Pakar Soroti Hasil dari Retret Kepala Daerah

Pengamat Politik Airlangga Pribadi Kusman menilai urgensi dari kegiatan tersebut hasilnya sulit diukur.

oleh Muhammad Radityo Priyasmoro Diperbarui 25 Feb 2025, 15:13 WIB
Diterbitkan 25 Feb 2025, 10:00 WIB
Retret Pembekalan Kepala Daerah 2025 di Lembah Tidar Akademi Militer (Akmil) Magelang, Jawa Tengah.
Retret Pembekalan Kepala Daerah 2025 di Lembah Tidar Akademi Militer (Akmil) Magelang, Jawa Tengah. (Foto: Puspen Kemendagri).... Selengkapnya

Liputan6.com, Jakarta - Retret kepala daerah menjadi sorotan. Pemerintah menilai, kegiatan tersebut penting untuk menyatukan visi misi antara daerah dan pusat saat nantinya mereka memimpin daerah masing-masing. Sementara itu, sebagian publik masih melihat hal tersebut menjadi bentuk pemborosan di tengah kebijakan efisiensi.

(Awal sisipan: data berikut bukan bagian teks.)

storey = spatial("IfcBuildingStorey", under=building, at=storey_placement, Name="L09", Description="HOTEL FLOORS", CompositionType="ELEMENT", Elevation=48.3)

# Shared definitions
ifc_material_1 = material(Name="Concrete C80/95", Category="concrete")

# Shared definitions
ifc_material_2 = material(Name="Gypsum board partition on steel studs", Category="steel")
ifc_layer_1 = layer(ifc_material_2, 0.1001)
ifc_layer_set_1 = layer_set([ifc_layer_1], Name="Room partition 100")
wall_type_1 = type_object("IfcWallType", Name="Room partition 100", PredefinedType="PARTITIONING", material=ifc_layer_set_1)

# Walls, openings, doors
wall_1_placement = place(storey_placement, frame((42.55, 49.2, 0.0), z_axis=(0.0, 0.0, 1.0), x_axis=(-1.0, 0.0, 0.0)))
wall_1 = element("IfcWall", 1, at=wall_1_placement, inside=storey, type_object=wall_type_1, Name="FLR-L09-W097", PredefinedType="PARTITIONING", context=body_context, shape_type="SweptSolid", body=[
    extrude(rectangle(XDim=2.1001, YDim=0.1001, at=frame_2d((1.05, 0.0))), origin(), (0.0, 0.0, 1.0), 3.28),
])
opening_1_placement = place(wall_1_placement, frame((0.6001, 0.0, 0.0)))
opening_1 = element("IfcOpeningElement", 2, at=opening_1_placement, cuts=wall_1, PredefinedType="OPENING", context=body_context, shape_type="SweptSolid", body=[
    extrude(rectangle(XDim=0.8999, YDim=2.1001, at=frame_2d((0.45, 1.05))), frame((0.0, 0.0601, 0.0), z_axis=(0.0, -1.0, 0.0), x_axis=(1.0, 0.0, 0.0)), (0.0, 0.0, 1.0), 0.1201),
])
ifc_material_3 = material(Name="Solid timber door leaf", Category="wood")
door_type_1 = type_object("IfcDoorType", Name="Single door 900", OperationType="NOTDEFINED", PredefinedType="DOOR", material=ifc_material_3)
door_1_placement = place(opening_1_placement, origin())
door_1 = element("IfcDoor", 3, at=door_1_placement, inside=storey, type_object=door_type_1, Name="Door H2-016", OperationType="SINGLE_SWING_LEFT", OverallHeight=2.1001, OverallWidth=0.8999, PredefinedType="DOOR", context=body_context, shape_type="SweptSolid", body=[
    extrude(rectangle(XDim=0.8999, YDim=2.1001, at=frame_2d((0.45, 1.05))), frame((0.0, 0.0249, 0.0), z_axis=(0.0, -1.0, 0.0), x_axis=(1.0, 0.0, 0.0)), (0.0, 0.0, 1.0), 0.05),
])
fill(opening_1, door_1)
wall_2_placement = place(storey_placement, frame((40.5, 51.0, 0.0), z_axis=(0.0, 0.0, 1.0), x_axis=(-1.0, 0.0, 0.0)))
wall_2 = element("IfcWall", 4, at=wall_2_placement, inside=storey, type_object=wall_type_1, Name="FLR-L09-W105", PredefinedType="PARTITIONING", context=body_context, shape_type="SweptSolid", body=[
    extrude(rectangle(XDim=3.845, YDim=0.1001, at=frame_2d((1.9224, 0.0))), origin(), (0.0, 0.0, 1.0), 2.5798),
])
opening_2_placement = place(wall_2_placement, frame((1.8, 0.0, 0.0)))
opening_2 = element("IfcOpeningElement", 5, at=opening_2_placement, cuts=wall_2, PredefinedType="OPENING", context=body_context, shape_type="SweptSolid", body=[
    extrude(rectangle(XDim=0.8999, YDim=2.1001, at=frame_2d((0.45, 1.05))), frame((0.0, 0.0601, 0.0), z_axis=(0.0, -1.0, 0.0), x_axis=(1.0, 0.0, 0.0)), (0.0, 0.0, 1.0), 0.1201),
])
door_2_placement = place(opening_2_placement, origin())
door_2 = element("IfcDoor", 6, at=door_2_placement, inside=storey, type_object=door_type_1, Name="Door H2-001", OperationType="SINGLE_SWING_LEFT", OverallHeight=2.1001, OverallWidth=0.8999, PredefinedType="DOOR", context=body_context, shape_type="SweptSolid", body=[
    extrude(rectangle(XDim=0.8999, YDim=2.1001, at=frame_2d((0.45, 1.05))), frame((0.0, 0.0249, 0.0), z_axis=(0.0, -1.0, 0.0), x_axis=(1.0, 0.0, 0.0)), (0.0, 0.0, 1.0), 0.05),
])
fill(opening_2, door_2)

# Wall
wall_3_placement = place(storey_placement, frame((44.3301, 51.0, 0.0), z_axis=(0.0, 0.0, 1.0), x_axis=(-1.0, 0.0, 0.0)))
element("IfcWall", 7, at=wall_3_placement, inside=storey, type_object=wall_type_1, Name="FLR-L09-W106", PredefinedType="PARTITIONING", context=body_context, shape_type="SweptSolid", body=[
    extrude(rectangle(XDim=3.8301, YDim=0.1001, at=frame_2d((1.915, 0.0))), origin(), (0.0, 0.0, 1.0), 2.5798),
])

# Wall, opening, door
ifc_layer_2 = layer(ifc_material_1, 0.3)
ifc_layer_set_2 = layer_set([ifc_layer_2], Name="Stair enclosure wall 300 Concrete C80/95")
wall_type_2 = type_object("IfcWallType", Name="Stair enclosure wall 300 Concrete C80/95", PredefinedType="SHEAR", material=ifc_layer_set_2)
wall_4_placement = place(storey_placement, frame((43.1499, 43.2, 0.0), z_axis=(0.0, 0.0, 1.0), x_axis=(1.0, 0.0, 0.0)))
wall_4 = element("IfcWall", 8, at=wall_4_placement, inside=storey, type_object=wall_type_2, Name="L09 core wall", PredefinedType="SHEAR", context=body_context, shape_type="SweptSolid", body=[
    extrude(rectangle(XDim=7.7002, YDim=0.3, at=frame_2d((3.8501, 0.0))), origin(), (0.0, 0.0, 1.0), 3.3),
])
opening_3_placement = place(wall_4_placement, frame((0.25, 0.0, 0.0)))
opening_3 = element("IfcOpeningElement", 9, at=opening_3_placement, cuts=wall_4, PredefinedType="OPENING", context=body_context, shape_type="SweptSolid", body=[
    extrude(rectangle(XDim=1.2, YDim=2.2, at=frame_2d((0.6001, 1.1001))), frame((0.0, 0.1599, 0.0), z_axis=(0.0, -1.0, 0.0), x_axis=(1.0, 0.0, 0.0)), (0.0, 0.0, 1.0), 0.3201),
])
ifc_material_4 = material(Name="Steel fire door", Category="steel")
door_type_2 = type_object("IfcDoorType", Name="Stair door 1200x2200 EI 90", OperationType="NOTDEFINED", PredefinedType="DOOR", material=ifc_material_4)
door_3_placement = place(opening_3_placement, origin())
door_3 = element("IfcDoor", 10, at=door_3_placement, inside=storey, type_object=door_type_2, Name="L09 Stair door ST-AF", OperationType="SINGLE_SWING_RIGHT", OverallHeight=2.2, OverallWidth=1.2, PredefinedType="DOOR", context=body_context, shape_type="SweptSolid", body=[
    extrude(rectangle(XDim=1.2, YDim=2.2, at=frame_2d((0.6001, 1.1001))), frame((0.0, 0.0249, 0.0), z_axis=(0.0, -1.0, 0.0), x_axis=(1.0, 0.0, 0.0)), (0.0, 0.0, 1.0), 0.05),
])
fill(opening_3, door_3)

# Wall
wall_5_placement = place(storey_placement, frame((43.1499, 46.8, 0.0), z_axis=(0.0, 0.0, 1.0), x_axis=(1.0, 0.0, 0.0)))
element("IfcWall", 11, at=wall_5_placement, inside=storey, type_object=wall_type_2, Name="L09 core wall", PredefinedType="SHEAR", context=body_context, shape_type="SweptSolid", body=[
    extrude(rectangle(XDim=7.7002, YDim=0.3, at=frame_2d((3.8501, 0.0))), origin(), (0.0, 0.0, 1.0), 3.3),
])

Menanggapi hal itu, Pengamat Politik Airlangga Pribadi Kusman menilai urgensi dari kegiatan tersebut hasilnya pun sulit diukur. Menurut dia, berkaca dari kegiatan serupa terhadap para menteri Kabinet Merah-Putih hasilnya dalam 100 hari kerja nyatanya tidak juga memperlihatkan sebuah kekompakan.

"Karena memang model-model arahan seperti retret tidak akan membawa hasil yang baik, terlebih ketika pemerintahan sarat dengan beragam kepentingan politik untuk merebut sumber daya yang tangible, tidak berasas good governance dan menjunjung tinggi supremasi hukum," kata Airlangga seperti dikutip dari keterangan tertulis diterima, Selasa (25/2/2025).

Pengajar Departemen Politik FISIP Univesitas Airlangga ini menjelaskan, contoh kasus pagar laut menjadi salah satu bukti adanya perbedaan pernyataan antara Menteri ATR/BPN dan Menteri Kelautan Perikanan. Contoh lainnya, adalah kebijakan Menteri ESDM soal gas 3KG yang bahkan harus diralat dengan menyebutkan bahwa itu bukan kebijakan Presiden.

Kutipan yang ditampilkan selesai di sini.